For those witnesses who are hesitant, nervous or reluctant, be prepared to prompt them to expand on their evidence. The start of their evidence can provide an opportunity to make them feel more comfortable. A lot of the preliminary matters tend to be uncontroversial – “What is your name? Where were you living (at the relevant time)? Do you know the accused?”- and have the additional effect of allowing the witness to ease into their evidence.
There can sometimes be pressure to rush through evidence in chief for the sake of efficiency and getting to the end line. Once you have ticked all the necessary boxes, then your ‘job’ is done, and you can sit down. But remember, context matters. The nature or type of a disclosure for example, might depend upon the relationship those people have with each other, the location of the conversation, the circumstances that prompted it and if there were time pressures around it. Those things that surround the key piece of evidence can be just as important. Such details, as would be expected, can add to the veracity of that witness’s testimony.
As an adjunct to what is stated above, make sure witnesses do not relate conversations in summary form. A good example of this is preliminary complaint evidence “What did X tell you, using the words said as best as you can remember them. That is, what X said and what you said.”
You should consider how you intend on concluding the witness’s evidence.

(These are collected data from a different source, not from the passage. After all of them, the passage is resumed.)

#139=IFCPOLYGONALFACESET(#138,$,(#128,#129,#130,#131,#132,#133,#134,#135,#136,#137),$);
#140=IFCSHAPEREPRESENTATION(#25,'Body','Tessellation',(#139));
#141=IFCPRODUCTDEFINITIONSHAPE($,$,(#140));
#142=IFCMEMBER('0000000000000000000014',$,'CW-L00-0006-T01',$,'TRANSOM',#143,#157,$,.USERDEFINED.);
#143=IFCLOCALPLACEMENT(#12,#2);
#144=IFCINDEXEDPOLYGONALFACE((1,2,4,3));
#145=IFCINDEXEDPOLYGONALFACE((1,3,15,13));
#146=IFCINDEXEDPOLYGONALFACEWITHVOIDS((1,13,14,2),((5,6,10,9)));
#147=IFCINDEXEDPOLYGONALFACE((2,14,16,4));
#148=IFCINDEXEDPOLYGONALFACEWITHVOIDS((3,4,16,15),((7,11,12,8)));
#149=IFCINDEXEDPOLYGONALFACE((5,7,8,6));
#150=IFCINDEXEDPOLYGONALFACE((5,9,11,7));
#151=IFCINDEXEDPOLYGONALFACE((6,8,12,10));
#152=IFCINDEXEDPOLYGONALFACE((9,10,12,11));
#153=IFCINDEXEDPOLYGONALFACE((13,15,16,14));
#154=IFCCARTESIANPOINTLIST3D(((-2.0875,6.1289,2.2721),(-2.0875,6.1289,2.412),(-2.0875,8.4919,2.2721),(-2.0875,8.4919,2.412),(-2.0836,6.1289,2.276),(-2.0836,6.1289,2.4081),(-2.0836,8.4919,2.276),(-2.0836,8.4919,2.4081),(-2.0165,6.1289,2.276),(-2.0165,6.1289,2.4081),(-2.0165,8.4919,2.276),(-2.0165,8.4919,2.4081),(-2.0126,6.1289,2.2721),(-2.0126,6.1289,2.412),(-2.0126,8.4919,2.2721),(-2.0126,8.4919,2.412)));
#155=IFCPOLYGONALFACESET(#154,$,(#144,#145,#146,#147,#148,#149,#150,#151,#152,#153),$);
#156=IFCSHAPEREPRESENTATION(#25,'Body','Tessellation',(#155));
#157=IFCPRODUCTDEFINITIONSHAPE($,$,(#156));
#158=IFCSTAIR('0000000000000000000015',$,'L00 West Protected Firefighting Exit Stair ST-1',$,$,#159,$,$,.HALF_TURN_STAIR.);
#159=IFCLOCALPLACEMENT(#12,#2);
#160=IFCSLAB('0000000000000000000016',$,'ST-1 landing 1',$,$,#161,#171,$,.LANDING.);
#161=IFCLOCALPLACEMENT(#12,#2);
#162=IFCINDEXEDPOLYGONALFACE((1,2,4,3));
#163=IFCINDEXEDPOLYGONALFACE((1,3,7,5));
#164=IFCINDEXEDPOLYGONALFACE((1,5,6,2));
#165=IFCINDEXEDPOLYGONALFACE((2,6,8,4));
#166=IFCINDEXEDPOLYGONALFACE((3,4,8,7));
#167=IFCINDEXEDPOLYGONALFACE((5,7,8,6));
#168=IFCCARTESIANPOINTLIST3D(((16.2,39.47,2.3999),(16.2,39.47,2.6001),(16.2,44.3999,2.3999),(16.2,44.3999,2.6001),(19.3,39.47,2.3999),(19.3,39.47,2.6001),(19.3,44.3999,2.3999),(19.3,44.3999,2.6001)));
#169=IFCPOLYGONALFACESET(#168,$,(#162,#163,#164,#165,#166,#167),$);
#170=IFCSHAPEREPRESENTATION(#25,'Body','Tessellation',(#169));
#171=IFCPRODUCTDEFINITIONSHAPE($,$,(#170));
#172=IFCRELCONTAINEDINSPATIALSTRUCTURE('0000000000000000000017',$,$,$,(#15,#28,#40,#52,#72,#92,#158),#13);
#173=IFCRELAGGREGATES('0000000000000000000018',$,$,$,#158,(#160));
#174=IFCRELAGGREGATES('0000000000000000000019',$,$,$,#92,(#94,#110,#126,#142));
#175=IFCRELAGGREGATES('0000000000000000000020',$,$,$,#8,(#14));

Consider what message you want to leave the tribunal of fact with, and do not let the evidence just taper off. Sometimes too, less is more. The importance of a witness’s evidence should not be diluted by leading marginal or trivial detail.
The guiding rule in evidence in chief is “Don’t lead”. [1] But like most things, that is not an absolute. Frequently there will be several parts to a witness’s evidence that are not in contest and in such cases opposing counsel will often consent to you leading a witness in respect of such matters.
Further, if you have a particularly difficult witness, or one likely to volunteer prejudicial inadmissible evidence, it might be appropriate to agree with the opposition that portions of their evidence will be ‘led’ to avoid such an event. It is prudent to resolve such matters, if there is doubt, with opposing counsel prior to calling the witness. If it cannot be resolved by agreement, you might consider raising such a course with the Judge in advance, particularly if it surrounds matters in contest at the trial.
Final advice – a script of prepared questions and answers does not work. Why not? Only you have the script. Your witness does not, and they will inevitably go off script. You will end up staring at your now useless question (and answer) trail, panicking about where to go and what to ask next. It demonstrates the most important tool when eliciting evidence in chief. Just as you expect the arbiter of fact – the jury – to do, you too ought to listen carefully to each answer the witness provides. A particular and perhaps unexpected answer may require you to engage in a further line of questioning, with a failure to do so potentially having significant adverse consequences. Also, if you are not interested in your witness’s answers, why would they be?
[1] A leading question is a question asked of a witness that directly or indirectly suggests a particular answer to a question or assumes the existence of a fact, the existence of which is in dispute in the proceeding, and the witness has not given evidence of the existence of that fact prior to the question asked.